Há, ainda assim, uma dúvida no que toca à integridade científica da experiência, considera António Jácomo. A maior parte dos desenvolvimentos desta natureza correm a comunidade científica, são analisadas por outros cientistas e depois publicados em revistas científicas. Este avanço, no entanto, foi anunciado durante um congresso militar, numa espécie de “publicidade” ao trabalho de Rene Anand. É que este cientista é proprietário de uma empresa que se dedica à criação de órgãos em laboratório, pelo que podem haver conflitos de interesse na informação avançada pelo investigador.

Para o cientista criador do “quase cérebro humano”, isto pode significar um grande avanço no estudo do autismo: “a ciência do genoma inferiu que há 600 genes responsáveis pelo autismo, mas estamos presos aí. Correlações matemáticas e métodos estatísticos são insuficientes para identificar relações causais. Precisamos de um sistema experimental, precisamos de um cérebro humano”, explica o próprio cientista.

Como se criou este cérebro?

Este cérebro foi criado a partir de células da pele, depois de terem sido transformadas em células pluripotentes induzidas – células maduras transformadas em células estaminais com capacidade de se diferenciarem nas restantes células do organismo. Como? A Nature explica que as células da pele são células somáticas adultas – células responsáveis pela formação de órgãos e tecidos –, mas que foram reprogramadas para poderem expressar genes de um outro tipo de células. Essa reprogramação é conseguida através da introdução na célula de um fator que vai ativar os novos genes e desativar os antigos, num método revelado pelo Nobel da Medicina 2012 Shinya Yamanaka.
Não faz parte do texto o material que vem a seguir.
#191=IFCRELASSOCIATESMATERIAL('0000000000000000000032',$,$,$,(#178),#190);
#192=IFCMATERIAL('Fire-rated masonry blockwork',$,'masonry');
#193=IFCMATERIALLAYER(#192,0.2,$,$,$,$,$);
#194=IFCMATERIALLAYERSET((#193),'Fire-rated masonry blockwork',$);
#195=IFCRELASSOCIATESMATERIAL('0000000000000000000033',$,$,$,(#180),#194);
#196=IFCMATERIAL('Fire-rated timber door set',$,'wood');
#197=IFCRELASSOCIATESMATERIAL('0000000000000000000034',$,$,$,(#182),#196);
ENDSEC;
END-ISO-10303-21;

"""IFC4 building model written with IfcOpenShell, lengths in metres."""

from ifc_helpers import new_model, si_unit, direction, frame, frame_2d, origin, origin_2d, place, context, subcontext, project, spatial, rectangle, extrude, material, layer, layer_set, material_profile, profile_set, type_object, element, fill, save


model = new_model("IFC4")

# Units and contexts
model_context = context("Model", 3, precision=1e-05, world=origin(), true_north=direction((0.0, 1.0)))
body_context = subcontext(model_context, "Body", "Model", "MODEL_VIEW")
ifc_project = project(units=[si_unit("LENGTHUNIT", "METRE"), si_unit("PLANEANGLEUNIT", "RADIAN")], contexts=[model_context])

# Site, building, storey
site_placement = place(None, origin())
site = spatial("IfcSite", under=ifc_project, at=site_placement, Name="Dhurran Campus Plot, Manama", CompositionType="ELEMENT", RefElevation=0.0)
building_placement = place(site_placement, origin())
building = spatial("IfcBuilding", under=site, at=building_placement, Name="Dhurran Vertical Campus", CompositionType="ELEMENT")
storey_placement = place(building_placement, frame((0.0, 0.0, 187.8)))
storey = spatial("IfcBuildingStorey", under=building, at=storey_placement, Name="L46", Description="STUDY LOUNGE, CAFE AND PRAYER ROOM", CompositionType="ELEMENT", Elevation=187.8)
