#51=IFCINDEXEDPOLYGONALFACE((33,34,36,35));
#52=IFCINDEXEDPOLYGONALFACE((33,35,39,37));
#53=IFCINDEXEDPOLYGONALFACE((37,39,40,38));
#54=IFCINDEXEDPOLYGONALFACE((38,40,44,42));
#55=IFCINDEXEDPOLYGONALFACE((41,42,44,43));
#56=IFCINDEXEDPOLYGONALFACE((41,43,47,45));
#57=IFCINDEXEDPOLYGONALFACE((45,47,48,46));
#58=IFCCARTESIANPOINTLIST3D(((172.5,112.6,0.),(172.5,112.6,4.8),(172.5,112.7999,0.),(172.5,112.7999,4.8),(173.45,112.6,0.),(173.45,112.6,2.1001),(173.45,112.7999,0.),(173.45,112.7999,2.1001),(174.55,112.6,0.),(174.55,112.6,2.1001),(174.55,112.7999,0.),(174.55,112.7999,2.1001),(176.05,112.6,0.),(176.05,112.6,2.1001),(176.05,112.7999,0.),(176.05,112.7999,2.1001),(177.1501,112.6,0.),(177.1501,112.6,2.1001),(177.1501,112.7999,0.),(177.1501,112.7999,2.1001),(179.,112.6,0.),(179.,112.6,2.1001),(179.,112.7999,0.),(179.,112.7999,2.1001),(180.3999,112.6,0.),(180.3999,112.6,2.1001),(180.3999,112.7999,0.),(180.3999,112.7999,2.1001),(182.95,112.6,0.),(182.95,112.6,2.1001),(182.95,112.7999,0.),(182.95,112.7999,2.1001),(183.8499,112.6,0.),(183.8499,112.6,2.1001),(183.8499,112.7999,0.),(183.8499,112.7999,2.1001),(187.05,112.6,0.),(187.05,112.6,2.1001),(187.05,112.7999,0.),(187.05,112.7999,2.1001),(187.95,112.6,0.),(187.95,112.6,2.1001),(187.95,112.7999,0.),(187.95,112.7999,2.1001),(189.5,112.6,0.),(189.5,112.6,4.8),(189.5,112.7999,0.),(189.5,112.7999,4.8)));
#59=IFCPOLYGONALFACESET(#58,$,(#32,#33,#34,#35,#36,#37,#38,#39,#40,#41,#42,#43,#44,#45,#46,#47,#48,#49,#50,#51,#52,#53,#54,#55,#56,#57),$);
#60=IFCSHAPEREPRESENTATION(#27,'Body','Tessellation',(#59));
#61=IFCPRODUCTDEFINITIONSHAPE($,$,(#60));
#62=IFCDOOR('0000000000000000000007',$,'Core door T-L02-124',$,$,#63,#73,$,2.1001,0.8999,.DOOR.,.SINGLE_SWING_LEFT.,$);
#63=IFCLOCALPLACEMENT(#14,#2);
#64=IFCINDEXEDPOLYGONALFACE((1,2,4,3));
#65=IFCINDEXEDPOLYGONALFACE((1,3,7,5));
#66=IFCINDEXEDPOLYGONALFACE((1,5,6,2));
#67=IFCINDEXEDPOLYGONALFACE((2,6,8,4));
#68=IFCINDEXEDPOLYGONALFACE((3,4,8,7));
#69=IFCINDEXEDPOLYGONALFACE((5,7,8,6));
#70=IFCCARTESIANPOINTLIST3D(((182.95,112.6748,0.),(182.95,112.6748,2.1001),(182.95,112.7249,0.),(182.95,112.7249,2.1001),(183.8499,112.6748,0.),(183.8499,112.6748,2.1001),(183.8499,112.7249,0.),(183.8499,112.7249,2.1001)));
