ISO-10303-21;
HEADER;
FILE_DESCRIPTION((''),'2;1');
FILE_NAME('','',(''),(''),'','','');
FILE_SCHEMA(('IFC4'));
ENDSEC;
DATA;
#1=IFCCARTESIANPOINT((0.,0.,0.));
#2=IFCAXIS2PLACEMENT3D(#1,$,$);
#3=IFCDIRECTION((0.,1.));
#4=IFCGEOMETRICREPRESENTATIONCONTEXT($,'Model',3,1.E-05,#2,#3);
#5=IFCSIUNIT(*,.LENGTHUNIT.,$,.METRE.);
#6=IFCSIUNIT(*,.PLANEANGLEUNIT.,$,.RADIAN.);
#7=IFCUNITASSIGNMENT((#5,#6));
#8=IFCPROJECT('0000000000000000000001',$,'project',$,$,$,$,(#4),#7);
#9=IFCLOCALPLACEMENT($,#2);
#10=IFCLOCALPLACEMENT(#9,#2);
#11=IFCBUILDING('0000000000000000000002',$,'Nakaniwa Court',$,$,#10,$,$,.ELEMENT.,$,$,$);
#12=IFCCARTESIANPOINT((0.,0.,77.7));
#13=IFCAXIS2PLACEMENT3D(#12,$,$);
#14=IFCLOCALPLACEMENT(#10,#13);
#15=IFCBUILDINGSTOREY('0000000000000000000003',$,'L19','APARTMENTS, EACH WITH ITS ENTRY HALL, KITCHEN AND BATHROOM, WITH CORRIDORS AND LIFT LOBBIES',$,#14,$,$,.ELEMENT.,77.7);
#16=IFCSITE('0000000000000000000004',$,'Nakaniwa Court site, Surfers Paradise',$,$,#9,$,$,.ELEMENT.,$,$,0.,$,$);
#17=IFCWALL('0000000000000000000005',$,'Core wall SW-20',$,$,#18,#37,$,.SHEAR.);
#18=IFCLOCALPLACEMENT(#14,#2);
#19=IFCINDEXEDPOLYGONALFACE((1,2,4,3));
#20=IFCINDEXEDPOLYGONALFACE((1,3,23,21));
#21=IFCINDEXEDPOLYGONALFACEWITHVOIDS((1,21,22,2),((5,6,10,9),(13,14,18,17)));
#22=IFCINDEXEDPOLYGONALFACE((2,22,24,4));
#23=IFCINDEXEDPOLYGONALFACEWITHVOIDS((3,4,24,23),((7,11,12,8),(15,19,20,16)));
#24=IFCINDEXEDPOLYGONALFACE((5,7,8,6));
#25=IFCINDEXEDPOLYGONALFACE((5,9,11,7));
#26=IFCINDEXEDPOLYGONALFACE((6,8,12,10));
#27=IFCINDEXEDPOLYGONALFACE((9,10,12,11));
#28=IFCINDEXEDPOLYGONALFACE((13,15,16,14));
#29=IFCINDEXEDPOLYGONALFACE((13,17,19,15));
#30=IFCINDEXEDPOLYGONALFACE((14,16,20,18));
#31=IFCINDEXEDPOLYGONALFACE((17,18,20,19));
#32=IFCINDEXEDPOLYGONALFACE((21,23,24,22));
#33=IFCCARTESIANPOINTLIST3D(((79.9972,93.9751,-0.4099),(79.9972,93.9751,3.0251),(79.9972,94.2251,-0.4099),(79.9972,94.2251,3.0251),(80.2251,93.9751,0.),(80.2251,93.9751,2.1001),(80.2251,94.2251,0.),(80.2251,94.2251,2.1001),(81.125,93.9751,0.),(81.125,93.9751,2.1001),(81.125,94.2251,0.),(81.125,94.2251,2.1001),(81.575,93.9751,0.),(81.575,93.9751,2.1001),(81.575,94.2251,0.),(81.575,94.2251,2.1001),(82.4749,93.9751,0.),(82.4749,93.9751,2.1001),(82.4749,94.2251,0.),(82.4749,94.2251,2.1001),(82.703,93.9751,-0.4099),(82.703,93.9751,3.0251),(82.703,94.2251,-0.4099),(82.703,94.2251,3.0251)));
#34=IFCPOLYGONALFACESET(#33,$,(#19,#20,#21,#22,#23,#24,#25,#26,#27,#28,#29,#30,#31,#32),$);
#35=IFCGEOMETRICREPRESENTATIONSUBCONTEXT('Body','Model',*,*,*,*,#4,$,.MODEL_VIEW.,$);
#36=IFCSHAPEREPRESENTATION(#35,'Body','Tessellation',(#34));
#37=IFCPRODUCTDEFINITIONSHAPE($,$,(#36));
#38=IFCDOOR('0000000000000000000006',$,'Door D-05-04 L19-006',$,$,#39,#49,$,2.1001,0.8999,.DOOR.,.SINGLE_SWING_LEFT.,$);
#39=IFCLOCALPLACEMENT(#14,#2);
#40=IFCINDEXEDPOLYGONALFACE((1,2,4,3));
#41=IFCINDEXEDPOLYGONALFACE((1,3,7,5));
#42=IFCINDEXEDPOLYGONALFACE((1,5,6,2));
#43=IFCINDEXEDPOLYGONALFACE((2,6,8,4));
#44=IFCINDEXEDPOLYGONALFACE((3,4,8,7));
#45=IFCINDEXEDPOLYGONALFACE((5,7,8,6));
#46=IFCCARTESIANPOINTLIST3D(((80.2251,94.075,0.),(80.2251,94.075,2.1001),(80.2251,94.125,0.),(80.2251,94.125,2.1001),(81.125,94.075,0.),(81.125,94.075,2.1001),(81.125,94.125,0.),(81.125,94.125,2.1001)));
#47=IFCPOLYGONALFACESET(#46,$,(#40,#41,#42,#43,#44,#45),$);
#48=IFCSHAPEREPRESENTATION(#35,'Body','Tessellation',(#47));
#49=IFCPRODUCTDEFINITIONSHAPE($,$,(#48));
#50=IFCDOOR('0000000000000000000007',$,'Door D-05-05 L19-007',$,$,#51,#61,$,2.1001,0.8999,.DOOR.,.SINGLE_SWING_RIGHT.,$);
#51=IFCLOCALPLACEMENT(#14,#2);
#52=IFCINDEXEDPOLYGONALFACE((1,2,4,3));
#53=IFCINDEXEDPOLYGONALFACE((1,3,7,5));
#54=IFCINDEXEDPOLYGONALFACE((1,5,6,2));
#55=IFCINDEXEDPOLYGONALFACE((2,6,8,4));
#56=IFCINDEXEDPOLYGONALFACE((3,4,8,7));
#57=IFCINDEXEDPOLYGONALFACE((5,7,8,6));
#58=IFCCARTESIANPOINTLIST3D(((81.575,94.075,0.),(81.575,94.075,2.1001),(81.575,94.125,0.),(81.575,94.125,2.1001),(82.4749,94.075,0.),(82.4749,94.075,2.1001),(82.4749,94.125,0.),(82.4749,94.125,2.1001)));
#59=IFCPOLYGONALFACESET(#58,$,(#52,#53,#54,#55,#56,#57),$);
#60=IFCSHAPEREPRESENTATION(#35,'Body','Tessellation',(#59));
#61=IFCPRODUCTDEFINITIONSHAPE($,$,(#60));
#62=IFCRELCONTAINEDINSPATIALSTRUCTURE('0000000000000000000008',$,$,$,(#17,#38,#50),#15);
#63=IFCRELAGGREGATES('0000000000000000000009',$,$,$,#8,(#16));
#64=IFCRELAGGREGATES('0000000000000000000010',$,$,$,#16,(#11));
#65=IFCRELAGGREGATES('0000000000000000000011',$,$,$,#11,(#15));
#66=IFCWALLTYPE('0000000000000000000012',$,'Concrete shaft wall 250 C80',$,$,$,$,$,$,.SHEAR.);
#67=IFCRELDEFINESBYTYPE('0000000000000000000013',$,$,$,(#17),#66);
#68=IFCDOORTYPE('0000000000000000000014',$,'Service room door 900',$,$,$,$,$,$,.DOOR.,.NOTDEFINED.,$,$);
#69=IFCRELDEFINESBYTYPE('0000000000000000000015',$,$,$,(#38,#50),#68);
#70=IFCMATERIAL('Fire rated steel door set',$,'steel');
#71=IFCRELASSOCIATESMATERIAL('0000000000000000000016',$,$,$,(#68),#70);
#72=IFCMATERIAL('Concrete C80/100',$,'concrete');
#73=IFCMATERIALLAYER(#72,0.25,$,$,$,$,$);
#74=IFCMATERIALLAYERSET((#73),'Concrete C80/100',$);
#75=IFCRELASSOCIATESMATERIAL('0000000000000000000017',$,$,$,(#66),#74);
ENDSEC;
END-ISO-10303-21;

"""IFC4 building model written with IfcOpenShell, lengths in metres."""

from ifc_helpers import new_model, si_unit, direction, frame, frame_2d, origin, place, context, subcontext, project, spatial, rectangle, extrude, material, layer, layer_set, type_object, element, fill, save


model = new_model("IFC4")

# Units and contexts
model_context = context("Model", 3, precision=1e-05, world=origin(), true_north=direction((0.0, 1.0)))
body_context = subcontext(model_context, "Body", "Model", "MODEL_VIEW")
ifc_project = project(units=[si_unit("LENGTHUNIT", "METRE"), si_unit("PLANEANGLEUNIT", "RADIAN")], contexts=[model_context])

# Site, building, storey
site_placement = place(None, origin())
site = spatial("IfcSite", under=ifc_project, at=site_placement, Name="Nakaniwa Court site, Surfers Paradise", CompositionType="ELEMENT", RefElevation=0.0)
building_placement = place(site_placement, origin())
building = spatial("IfcBuilding", under=site, at=building_placement, Name="Nakaniwa Court", CompositionType="ELEMENT")
storey_placement = place(building_placement, frame((0.0, 0.0, 77.7)))
storey = spatial("IfcBuildingStorey", under=building, at=storey_placement, Name="L19", Description="APARTMENTS, EACH WITH ITS ENTRY HALL, KITCHEN AND BATHROOM, WITH CORRIDORS AND LIFT LOBBIES", CompositionType="ELEMENT", Elevation=77.7)

# Shared definitions
ifc_material_1 = material(Name="Fire rated steel door set", Category="steel")
door_type_1 = type_object("IfcDoorType", Name="Service room door 900", OperationType="NOTDEFINED", PredefinedType="DOOR", material=ifc_material_1)

# Shared definitions
ifc_material_2 = material(Name="Concrete C80/100", Category="concrete")

# Shared definitions
ifc_layer_1 = layer(ifc_material_2, 0.25)
ifc_layer_set_1 = layer_set([ifc_layer_1], Name="Concrete C80/100")
wall_type_1 = type_object("IfcWallType", Name="Concrete shaft wall 250 C80", PredefinedType="SHEAR", material=ifc_layer_set_1)

# Wall, openings, doors
wall_1_placement = place(storey_placement, frame((79.9971, 94.1001, -0.4099), z_axis=(0.0, 0.0, 1.0), x_axis=(1.0, 0.0, 0.0)))
wall_1 = element("IfcWall", 1, at=wall_1_placement, inside=storey, type_object=wall_type_1, Name="Core wall SW-20", PredefinedType="SHEAR", context=body_context, shape_type="SweptSolid", body=[
    extrude(rectangle(XDim=2.7058, YDim=0.25, at=frame_2d((1.353, 0.0))), origin(), (0.0, 0.0, 1.0), 3.4351),
])
opening_1_placement = place(wall_1_placement, frame((0.228, 0.0, 0.4099)))
opening_1 = element("IfcOpeningElement", 2, at=opening_1_placement, cuts=wall_1, PredefinedType="OPENING", context=body_context, shape_type="SweptSolid", body=[
    extrude(rectangle(XDim=0.8999, YDim=2.1001, at=frame_2d((0.45, 1.05))), frame((0.0, 0.135, 0.0), z_axis=(0.0, -1.0, 0.0), x_axis=(1.0, 0.0, 0.0)), (0.0, 0.0, 1.0), 0.27),
])
opening_2_placement = place(wall_1_placement, frame((1.5779, 0.0, 0.4099)))
opening_2 = element("IfcOpeningElement", 3, at=opening_2_placement, cuts=wall_1, PredefinedType="OPENING", context=body_context, shape_type="SweptSolid", body=[
    extrude(rectangle(XDim=0.8999, YDim=2.1001, at=frame_2d((0.45, 1.05))), frame((0.0, 0.135, 0.0), z_axis=(0.0, -1.0, 0.0), x_axis=(1.0, 0.0, 0.0)), (0.0, 0.0, 1.0), 0.27),
])
door_1_placement = place(opening_1_placement, origin())
door_1 = element("IfcDoor", 4, at=door_1_placement, inside=storey, type_object=door_type_1, Name="Door D-05-04 L19-006", OperationType="SINGLE_SWING_LEFT", OverallHeight=2.1001, OverallWidth=0.8999, PredefinedType="DOOR", context=body_context, shape_type="SweptSolid", body=[
    extrude(rectangle(XDim=0.8999, YDim=2.1001, at=frame_2d((0.45, 1.05))), frame((0.0, 0.0249, 0.0), z_axis=(0.0, -1.0, 0.0), x_axis=(1.0, 0.0, 0.0)), (0.0, 0.0, 1.0), 0.05),
])
fill(opening_1, door_1)
door_2_placement = place(opening_2_placement, origin())
door_2 = element("IfcDoor", 5, at=door_2_placement, inside=storey, type_object=door_type_1, Name="Door D-05-05 L19-007", OperationType="SINGLE_SWING_RIGHT", OverallHeight=2.1001, OverallWidth=0.8999, PredefinedType="DOOR", context=body_context, shape_type="SweptSolid", body=[
    extrude(rectangle(XDim=0.8999, YDim=2.1001, at=frame_2d((0.45, 1.05))), frame((0.0, 0.0249, 0.0), z_axis=(0.0, -1.0, 0.0), x_axis=(1.0, 0.0, 0.0)), (0.0, 0.0, 1.0), 0.05),
])
fill(opening_2, door_2)

save(model, "model.ifc")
“Esta é uma área de investigação em revolução – alterar a programação genética da célula através de fatores de transcrição diferentes”, diz ao Observador Catarina Brito, líder do Laboratório de Modelos Celulares do Instituto de Biologia Experimental e Tecnológica. Os fatores de transcrição são proteínas que se ligam ao ADN e que vão permitir a expressão de determinados genes. Variando a introdução dos fatores de transcrição, a célula vai expressar características diferentes.

Quando as células da pele já tiverem sido transformadas em células pluripotentes induzidas, os cientistas recriam os ambientes em que elas estariam sujeitas num determinado órgão, neste caso as condições físicas e químicas que envolvem as células do cérebro. E isso implica que, em laboratório, estejam sujeitas aos mesmos gradientes de oxigénio, natureza molecular, matriz celulares e organização tridimensional que existiriam no tecido natural.

No entanto, a investigadora Catarina Brito sublinha que o facto de não haver um artigo científico publicado e revisto por outros cientistas – Rene Anand ainda não desvendou o método utilizado para a criação do “cérebro” para patenteá-lo – não permite analisar com rigor a fiabilidade deste organóide.